Они поехали в Зоологический сад. Метель крутила пуще вчерашнего, все перепутала,- дня не видно. В Зоологическом не было ни души, все завалило снегом. Они шли по излучинам, в сугробах, из которых торчали занесенные наглухо беседки, клетки. Все вымерло, схоронилось, затаилось,- радовалась одна сорока. Даринька остановилась у сороки, обласкала ее бауточкой: «Сорока-белобока, до-лгой носок, зеле-ный хвосток!» И Вагаев поцеловал ее. Она только сказала: «Сорока смотрит». Совсем было трудно пробираться.
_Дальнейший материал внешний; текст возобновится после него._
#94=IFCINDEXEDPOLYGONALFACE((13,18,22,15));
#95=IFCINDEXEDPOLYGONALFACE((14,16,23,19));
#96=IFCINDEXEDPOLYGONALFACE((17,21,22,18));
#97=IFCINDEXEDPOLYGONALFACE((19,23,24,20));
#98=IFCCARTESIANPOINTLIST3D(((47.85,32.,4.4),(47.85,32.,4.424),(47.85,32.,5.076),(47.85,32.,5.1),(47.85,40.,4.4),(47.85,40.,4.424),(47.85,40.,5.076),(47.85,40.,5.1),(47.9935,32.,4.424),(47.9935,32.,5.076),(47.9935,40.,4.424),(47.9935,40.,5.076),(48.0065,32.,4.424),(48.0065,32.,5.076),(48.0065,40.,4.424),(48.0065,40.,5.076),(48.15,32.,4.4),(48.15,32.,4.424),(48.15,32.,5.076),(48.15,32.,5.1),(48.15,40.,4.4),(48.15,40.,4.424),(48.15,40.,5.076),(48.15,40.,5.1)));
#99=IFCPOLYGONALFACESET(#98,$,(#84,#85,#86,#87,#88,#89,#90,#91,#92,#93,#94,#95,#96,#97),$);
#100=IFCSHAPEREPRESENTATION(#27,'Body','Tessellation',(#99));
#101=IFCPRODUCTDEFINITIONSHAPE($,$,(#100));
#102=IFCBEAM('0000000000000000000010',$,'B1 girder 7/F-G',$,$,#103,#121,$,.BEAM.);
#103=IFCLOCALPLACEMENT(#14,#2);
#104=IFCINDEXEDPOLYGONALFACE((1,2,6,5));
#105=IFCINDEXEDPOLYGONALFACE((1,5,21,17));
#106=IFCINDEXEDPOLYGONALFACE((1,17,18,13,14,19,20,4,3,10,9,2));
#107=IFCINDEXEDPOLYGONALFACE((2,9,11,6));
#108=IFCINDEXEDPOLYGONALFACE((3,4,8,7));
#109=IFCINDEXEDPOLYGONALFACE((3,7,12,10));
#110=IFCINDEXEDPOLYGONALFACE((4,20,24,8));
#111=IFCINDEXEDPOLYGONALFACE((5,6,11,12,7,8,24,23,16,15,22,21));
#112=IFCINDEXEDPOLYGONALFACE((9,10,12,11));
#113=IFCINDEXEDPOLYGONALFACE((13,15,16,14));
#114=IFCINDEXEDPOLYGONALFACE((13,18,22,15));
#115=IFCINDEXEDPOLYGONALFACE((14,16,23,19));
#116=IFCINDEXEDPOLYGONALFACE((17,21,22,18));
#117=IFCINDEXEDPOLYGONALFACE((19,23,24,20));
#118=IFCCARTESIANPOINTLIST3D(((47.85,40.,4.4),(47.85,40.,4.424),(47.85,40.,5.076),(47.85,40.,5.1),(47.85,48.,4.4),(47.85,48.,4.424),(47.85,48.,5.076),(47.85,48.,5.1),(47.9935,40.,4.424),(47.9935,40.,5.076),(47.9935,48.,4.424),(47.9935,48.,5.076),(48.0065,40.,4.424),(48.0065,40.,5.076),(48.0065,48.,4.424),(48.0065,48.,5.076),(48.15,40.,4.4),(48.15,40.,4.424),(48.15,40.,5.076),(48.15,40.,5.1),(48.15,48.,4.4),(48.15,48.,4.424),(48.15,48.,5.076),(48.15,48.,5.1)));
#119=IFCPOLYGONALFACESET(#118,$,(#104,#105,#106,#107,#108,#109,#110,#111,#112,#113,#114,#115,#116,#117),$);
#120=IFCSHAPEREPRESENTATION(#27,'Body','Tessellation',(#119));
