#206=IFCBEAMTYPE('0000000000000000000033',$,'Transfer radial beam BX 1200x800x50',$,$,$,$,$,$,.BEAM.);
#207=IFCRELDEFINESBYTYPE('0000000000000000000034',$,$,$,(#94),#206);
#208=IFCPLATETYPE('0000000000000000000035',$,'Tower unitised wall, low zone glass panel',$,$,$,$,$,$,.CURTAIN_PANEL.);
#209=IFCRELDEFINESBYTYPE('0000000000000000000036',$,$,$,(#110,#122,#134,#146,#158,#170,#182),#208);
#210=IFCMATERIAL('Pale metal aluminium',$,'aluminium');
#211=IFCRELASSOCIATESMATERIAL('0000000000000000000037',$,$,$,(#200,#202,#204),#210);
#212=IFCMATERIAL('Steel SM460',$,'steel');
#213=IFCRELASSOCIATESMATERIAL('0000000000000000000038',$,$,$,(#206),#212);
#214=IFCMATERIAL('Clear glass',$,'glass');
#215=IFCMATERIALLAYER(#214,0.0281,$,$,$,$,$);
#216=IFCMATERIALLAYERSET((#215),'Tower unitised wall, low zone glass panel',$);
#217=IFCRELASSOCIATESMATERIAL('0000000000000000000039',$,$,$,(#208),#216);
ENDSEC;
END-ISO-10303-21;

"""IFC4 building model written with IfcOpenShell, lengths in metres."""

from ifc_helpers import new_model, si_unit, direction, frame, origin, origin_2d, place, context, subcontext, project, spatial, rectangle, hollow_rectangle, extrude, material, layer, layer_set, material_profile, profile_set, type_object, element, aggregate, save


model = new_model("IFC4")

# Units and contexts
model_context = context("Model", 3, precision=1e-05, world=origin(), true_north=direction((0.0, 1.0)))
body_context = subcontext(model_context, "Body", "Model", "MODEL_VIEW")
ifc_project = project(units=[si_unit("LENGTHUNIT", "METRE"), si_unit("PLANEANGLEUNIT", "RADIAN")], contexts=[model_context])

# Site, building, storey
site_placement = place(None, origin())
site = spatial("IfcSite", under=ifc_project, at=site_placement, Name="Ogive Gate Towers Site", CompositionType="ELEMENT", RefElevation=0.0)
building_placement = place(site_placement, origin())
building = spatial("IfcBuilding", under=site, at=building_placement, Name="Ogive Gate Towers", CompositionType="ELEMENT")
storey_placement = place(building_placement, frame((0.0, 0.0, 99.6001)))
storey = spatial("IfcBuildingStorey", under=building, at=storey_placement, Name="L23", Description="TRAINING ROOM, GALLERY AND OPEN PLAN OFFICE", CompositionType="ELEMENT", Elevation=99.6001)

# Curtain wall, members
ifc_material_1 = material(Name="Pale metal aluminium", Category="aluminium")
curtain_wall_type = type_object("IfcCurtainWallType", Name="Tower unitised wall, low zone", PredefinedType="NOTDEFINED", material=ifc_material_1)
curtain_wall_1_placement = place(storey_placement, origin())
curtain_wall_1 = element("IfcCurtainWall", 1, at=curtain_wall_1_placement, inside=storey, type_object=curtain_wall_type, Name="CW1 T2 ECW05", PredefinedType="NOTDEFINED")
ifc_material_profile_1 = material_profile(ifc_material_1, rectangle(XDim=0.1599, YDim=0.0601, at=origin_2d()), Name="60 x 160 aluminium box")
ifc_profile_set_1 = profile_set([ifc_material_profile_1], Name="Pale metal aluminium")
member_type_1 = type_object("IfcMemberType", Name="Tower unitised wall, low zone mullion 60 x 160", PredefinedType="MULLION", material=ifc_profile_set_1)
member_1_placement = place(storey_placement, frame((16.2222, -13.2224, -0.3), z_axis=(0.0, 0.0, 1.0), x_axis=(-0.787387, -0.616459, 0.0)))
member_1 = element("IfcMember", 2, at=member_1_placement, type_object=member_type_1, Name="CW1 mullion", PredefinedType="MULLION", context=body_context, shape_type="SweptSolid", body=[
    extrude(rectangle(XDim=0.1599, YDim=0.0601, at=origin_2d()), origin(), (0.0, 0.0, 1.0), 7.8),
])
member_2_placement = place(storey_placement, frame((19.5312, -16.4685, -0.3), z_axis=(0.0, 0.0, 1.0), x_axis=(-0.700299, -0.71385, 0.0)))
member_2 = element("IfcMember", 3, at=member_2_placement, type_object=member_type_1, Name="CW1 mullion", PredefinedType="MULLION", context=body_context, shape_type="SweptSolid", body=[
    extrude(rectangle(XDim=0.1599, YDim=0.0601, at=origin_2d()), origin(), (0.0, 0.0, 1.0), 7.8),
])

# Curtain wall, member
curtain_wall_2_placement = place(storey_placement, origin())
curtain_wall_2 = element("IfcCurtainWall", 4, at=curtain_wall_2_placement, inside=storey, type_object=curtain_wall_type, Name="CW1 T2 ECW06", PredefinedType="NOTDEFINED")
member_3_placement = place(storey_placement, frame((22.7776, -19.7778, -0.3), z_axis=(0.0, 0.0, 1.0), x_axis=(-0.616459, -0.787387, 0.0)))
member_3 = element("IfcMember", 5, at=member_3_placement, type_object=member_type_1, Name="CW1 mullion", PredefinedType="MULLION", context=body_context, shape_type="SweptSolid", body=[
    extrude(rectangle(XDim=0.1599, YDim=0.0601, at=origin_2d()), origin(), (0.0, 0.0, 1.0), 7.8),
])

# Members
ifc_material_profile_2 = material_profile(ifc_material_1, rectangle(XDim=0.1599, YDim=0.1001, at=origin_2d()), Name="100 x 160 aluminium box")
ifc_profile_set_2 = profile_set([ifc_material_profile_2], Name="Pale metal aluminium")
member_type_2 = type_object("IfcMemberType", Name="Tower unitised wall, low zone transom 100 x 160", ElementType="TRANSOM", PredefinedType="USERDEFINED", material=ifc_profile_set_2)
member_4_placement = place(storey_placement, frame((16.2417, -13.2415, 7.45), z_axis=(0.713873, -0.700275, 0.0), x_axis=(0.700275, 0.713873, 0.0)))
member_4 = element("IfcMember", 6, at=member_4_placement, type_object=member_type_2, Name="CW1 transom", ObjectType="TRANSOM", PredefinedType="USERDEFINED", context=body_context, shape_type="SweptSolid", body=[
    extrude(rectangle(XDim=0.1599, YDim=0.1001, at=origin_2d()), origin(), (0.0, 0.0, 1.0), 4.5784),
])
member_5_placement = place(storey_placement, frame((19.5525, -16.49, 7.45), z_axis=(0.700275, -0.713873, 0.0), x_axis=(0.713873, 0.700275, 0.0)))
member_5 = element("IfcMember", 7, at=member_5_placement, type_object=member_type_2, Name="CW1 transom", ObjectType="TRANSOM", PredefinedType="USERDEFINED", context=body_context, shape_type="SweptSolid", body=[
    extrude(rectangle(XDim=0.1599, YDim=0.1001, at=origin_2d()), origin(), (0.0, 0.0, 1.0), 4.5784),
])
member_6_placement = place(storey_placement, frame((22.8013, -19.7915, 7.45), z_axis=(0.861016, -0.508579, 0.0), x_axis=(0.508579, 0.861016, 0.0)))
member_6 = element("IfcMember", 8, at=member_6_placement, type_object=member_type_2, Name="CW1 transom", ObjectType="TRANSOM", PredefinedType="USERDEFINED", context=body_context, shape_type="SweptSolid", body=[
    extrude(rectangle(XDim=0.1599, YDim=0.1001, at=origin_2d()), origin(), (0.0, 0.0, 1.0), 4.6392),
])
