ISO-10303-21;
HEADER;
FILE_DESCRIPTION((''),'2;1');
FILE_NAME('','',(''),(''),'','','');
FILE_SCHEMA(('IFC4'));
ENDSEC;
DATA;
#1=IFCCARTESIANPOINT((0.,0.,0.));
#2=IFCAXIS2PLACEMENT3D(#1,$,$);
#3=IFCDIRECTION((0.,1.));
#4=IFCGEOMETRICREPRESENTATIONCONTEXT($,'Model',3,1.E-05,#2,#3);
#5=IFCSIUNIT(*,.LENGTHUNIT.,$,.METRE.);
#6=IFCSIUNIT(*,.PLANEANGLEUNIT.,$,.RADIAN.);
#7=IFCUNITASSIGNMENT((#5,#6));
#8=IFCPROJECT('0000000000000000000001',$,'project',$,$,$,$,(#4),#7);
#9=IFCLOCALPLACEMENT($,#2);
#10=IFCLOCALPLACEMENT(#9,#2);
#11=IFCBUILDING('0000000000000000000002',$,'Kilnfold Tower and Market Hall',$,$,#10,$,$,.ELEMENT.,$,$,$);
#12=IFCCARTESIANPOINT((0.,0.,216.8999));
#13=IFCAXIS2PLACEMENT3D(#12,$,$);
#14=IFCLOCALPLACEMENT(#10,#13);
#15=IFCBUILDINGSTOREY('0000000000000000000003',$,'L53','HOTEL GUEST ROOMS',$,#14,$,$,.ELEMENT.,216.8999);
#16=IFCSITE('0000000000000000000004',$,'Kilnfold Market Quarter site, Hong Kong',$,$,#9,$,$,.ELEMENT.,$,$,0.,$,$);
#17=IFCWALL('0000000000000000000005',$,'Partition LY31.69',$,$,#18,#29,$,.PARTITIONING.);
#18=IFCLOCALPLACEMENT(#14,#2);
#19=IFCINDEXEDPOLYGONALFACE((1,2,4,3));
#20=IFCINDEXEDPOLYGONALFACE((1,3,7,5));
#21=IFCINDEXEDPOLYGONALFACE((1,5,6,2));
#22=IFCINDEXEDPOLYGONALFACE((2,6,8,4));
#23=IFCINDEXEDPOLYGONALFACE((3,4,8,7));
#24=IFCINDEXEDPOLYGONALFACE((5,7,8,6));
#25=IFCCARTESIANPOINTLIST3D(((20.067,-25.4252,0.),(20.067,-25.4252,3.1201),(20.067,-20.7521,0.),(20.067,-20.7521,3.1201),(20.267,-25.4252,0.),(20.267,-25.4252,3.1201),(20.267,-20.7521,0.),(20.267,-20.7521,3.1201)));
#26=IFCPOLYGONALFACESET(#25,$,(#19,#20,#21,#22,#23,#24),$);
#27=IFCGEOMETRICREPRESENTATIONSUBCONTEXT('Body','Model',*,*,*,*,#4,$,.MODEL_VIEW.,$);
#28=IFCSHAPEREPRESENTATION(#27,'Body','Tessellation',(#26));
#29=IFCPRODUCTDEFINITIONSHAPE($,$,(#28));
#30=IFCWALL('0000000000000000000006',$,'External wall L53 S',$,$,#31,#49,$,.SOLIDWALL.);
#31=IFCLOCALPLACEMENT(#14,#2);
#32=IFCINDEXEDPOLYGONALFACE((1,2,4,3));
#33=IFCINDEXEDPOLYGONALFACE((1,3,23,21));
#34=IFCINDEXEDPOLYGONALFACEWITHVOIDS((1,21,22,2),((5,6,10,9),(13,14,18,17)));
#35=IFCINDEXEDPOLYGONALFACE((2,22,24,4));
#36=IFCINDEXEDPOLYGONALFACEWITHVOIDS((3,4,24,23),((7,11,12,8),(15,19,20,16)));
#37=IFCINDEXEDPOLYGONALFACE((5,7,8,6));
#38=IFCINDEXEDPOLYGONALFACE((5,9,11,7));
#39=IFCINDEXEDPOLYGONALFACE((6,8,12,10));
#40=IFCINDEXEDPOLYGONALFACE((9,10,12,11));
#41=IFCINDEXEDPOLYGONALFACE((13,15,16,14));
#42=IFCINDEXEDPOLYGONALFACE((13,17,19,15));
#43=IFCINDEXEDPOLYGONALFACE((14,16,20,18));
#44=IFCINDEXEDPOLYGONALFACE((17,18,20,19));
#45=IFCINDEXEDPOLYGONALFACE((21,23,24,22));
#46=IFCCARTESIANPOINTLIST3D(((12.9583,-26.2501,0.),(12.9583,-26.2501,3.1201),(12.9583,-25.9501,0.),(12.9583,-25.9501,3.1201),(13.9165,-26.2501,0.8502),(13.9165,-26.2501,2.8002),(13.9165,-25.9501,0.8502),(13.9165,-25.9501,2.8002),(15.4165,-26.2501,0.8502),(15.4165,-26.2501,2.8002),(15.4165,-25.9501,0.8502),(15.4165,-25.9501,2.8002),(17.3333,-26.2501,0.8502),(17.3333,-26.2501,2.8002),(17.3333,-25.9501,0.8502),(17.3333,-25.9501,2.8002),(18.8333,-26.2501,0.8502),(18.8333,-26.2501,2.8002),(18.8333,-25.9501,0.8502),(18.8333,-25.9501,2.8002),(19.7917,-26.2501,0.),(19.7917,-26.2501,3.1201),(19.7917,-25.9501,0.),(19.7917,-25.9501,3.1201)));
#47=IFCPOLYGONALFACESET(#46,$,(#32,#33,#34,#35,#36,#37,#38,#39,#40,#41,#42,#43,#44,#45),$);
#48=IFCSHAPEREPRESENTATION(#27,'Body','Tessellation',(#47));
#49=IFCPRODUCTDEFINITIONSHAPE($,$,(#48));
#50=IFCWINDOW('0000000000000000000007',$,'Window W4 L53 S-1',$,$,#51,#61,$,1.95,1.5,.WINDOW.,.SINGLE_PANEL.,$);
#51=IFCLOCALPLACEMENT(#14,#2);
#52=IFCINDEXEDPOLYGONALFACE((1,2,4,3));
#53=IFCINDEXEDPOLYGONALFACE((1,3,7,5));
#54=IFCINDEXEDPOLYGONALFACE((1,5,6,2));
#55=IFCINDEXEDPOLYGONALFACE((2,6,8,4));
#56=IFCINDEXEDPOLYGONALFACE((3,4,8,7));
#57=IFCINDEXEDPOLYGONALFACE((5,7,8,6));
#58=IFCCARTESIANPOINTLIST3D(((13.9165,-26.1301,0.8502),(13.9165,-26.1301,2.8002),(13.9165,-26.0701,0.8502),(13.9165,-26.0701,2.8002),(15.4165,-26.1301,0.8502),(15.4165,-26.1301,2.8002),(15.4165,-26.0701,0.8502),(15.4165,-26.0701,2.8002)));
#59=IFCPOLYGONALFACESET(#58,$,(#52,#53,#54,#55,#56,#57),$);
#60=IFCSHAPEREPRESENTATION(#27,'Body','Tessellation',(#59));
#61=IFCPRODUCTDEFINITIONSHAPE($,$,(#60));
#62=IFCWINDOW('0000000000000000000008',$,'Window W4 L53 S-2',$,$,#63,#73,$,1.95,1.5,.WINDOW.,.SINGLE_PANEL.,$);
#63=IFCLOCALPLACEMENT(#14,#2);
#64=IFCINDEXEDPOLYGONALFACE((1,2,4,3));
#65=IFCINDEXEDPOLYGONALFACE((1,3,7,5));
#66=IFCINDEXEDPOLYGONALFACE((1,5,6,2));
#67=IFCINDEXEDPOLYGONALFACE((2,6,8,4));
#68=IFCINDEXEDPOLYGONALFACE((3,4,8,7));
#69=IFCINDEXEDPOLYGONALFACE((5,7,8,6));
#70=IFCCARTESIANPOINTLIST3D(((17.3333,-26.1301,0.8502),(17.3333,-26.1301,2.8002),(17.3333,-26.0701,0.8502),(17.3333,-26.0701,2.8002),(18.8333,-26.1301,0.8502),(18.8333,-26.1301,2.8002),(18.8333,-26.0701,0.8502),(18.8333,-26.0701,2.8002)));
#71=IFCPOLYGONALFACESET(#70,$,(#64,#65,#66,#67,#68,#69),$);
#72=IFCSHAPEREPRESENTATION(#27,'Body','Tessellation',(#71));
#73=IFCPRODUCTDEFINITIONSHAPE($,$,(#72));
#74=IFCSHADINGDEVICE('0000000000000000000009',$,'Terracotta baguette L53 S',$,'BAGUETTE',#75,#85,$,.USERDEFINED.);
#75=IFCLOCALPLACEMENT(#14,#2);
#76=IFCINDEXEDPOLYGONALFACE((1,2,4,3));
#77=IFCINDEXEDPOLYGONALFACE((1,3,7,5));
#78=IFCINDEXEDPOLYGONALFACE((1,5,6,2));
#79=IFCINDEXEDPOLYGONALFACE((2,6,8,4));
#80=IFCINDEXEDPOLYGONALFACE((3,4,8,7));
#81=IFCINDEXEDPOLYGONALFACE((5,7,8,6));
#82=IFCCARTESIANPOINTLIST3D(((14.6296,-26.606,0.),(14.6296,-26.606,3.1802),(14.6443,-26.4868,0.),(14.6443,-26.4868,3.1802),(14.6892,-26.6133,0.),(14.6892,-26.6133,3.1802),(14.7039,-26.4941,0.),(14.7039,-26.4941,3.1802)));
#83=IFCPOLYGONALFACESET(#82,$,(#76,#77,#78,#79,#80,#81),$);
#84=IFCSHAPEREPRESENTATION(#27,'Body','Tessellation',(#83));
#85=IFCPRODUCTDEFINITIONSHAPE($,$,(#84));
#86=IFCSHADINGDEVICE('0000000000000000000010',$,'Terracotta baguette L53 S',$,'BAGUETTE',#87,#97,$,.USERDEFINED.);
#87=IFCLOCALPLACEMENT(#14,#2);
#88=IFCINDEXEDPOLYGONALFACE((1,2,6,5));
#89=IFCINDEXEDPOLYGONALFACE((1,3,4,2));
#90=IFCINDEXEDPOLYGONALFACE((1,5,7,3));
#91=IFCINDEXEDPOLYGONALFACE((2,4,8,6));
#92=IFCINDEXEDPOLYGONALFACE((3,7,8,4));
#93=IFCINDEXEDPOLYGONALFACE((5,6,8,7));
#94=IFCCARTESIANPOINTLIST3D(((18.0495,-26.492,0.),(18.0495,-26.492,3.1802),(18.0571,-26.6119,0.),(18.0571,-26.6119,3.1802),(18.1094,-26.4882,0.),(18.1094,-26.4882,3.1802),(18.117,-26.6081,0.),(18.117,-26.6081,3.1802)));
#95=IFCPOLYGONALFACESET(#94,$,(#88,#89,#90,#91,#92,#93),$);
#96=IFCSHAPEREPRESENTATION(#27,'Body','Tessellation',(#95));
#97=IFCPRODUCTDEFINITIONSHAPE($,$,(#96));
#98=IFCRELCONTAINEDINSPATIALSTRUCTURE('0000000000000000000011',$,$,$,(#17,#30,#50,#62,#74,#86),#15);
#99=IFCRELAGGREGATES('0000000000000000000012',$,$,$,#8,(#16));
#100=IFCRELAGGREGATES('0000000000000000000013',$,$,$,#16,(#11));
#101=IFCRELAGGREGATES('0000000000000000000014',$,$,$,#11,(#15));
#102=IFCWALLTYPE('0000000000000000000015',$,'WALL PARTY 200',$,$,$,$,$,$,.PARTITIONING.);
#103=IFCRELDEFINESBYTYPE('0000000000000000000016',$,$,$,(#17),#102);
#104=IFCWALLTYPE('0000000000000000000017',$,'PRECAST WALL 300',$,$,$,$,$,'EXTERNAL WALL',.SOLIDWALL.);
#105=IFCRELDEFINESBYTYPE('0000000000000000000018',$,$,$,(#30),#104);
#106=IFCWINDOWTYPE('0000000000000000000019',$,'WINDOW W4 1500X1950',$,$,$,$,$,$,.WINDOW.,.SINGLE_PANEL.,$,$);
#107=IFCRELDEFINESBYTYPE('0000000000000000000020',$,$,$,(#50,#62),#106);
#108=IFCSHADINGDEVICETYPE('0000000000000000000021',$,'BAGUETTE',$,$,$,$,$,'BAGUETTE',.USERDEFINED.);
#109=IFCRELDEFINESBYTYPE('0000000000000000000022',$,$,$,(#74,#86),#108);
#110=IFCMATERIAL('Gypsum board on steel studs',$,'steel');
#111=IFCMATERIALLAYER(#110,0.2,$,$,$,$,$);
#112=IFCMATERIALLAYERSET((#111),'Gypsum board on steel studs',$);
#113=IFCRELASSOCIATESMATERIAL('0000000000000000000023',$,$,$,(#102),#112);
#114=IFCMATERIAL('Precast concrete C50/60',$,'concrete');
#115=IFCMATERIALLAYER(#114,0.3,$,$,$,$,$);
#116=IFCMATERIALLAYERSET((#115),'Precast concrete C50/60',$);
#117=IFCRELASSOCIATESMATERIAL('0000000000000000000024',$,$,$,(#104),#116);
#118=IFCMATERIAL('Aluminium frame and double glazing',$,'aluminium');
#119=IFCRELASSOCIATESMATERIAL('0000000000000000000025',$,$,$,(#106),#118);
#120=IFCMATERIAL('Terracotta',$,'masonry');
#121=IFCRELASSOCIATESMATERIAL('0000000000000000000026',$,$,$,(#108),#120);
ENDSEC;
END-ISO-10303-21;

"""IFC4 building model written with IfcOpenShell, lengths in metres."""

from ifc_helpers import new_model, si_unit, direction, frame, frame_2d, origin, origin_2d, place, context, subcontext, project, spatial, rectangle, extrude, source, transform, mapped, material, layer, layer_set, material_profile, profile_set, type_object, element, fill, save


model = new_model("IFC4")

# Units and contexts
model_context = context("Model", 3, precision=1e-05, world=origin(), true_north=direction((0.0, 1.0)))
body_context = subcontext(model_context, "Body", "Model", "MODEL_VIEW")
ifc_project = project(units=[si_unit("LENGTHUNIT", "METRE"), si_unit("PLANEANGLEUNIT", "RADIAN")], contexts=[model_context])

# Site, building, storey
site_placement = place(None, origin())
site = spatial("IfcSite", under=ifc_project, at=site_placement, Name="Kilnfold Market Quarter site, Hong Kong", CompositionType="ELEMENT", RefElevation=0.0)
building_placement = place(site_placement, origin())
building = spatial("IfcBuilding", under=site, at=building_placement, Name="Kilnfold Tower and Market Hall", CompositionType="ELEMENT")
storey_placement = place(building_placement, frame((0.0, 0.0, 216.8999)))
storey = spatial("IfcBuildingStorey", under=building, at=storey_placement, Name="L53", Description="HOTEL GUEST ROOMS", CompositionType="ELEMENT", Elevation=216.8999)

# Wall
ifc_material_1 = material(Name="Gypsum board on steel studs", Category="steel")
ifc_layer_1 = layer(ifc_material_1, 0.2)
ifc_layer_set_1 = layer_set([ifc_layer_1], Name="Gypsum board on steel studs")
wall_type_1 = type_object("IfcWallType", Name="WALL PARTY 200", PredefinedType="PARTITIONING", material=ifc_layer_set_1)
wall_1_placement = place(storey_placement, frame((20.167, -25.425, 0.0), z_axis=(0.0, 0.0, 1.0), x_axis=(0.0, 1.0, 0.0)))
element("IfcWall", 1, at=wall_1_placement, inside=storey, type_object=wall_type_1, Name="Partition LY31.69", PredefinedType="PARTITIONING", context=body_context, shape_type="SweptSolid", body=[
    extrude(rectangle(XDim=4.6731, YDim=0.2, at=frame_2d((2.3364, 0.0))), origin(), (0.0, 0.0, 1.0), 3.1201),
])

# Wall, openings, windows
ifc_material_2 = material(Name="Precast concrete C50/60", Category="concrete")
ifc_layer_2 = layer(ifc_material_2, 0.3)
ifc_layer_set_2 = layer_set([ifc_layer_2], Name="Precast concrete C50/60")
wall_type_2 = type_object("IfcWallType", Name="PRECAST WALL 300", ElementType="EXTERNAL WALL", PredefinedType="SOLIDWALL", material=ifc_layer_set_2)
shared_shape_1 = source(origin(), body_context, "Body", "SweptSolid", [
    extrude(rectangle(XDim=6.8335, YDim=0.3, at=frame_2d((3.4167, 0.0))), origin(), (0.0, 0.0, 1.0), 3.1201),
])
wall_2_placement = place(storey_placement, frame((12.9583, -26.1001, 0.0), z_axis=(0.0, 0.0, 1.0), x_axis=(1.0, 0.0, 0.0)))
wall_2 = element("IfcWall", 2, at=wall_2_placement, inside=storey, type_object=wall_type_2, Name="External wall L53 S", PredefinedType="SOLIDWALL", context=body_context, shape_type="MappedRepresentation", body=[
    mapped(shared_shape_1, transform((0.0, 0.0, 0.0))),
])
opening_1_placement = place(wall_2_placement, frame((0.9583, 0.0, 0.8501)))
opening_1 = element("IfcOpeningElement", 3, at=opening_1_placement, cuts=wall_2, PredefinedType="OPENING", context=body_context, shape_type="SweptSolid", body=[
    extrude(rectangle(XDim=1.5, YDim=1.95, at=frame_2d((0.75, 0.9751))), frame((0.0, 0.1602, 0.0), z_axis=(0.0, -1.0, 0.0), x_axis=(1.0, 0.0, 0.0)), (0.0, 0.0, 1.0), 0.3201),
])
opening_2_placement = place(wall_2_placement, frame((4.375, 0.0, 0.8501)))
opening_2 = element("IfcOpeningElement", 4, at=opening_2_placement, cuts=wall_2, PredefinedType="OPENING", context=body_context, shape_type="SweptSolid", body=[
    extrude(rectangle(XDim=1.5, YDim=1.95, at=frame_2d((0.75, 0.9751))), frame((0.0, 0.1602, 0.0), z_axis=(0.0, -1.0, 0.0), x_axis=(1.0, 0.0, 0.0)), (0.0, 0.0, 1.0), 0.3201),
])
ifc_material_3 = material(Name="Aluminium frame and double glazing", Category="aluminium")
window_type = type_object("IfcWindowType", Name="WINDOW W4 1500X1950", PartitioningType="SINGLE_PANEL", PredefinedType="WINDOW", material=ifc_material_3)
window_1_placement = place(opening_1_placement, origin())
Куда, зачем…- об этом они не думали. Так, хотелось. Все застилало мутью, и в этой снующей мути - казалось Дариньке - кто-то выл. Проступили из мути доски, и они признали обшивку гор. Мужики разгребали, отвозили в корзинах снег. «Какое теперь катанье… все горы завалило, не отгребешься,- сказали им мужики,- на каток ступайте, там, может, и поразмели маленько». Было как в зимнем поле. Они прошли на каток, к теплушке. В теплушке сидел на метлах сторож. Сказал: «Какое катание нонче, робята ушли обедать, воротятся - прочистим для вас маленько». Совсем пустынное житие. Дариньке не хотелось уезжать: «Еще немножко, останемся!»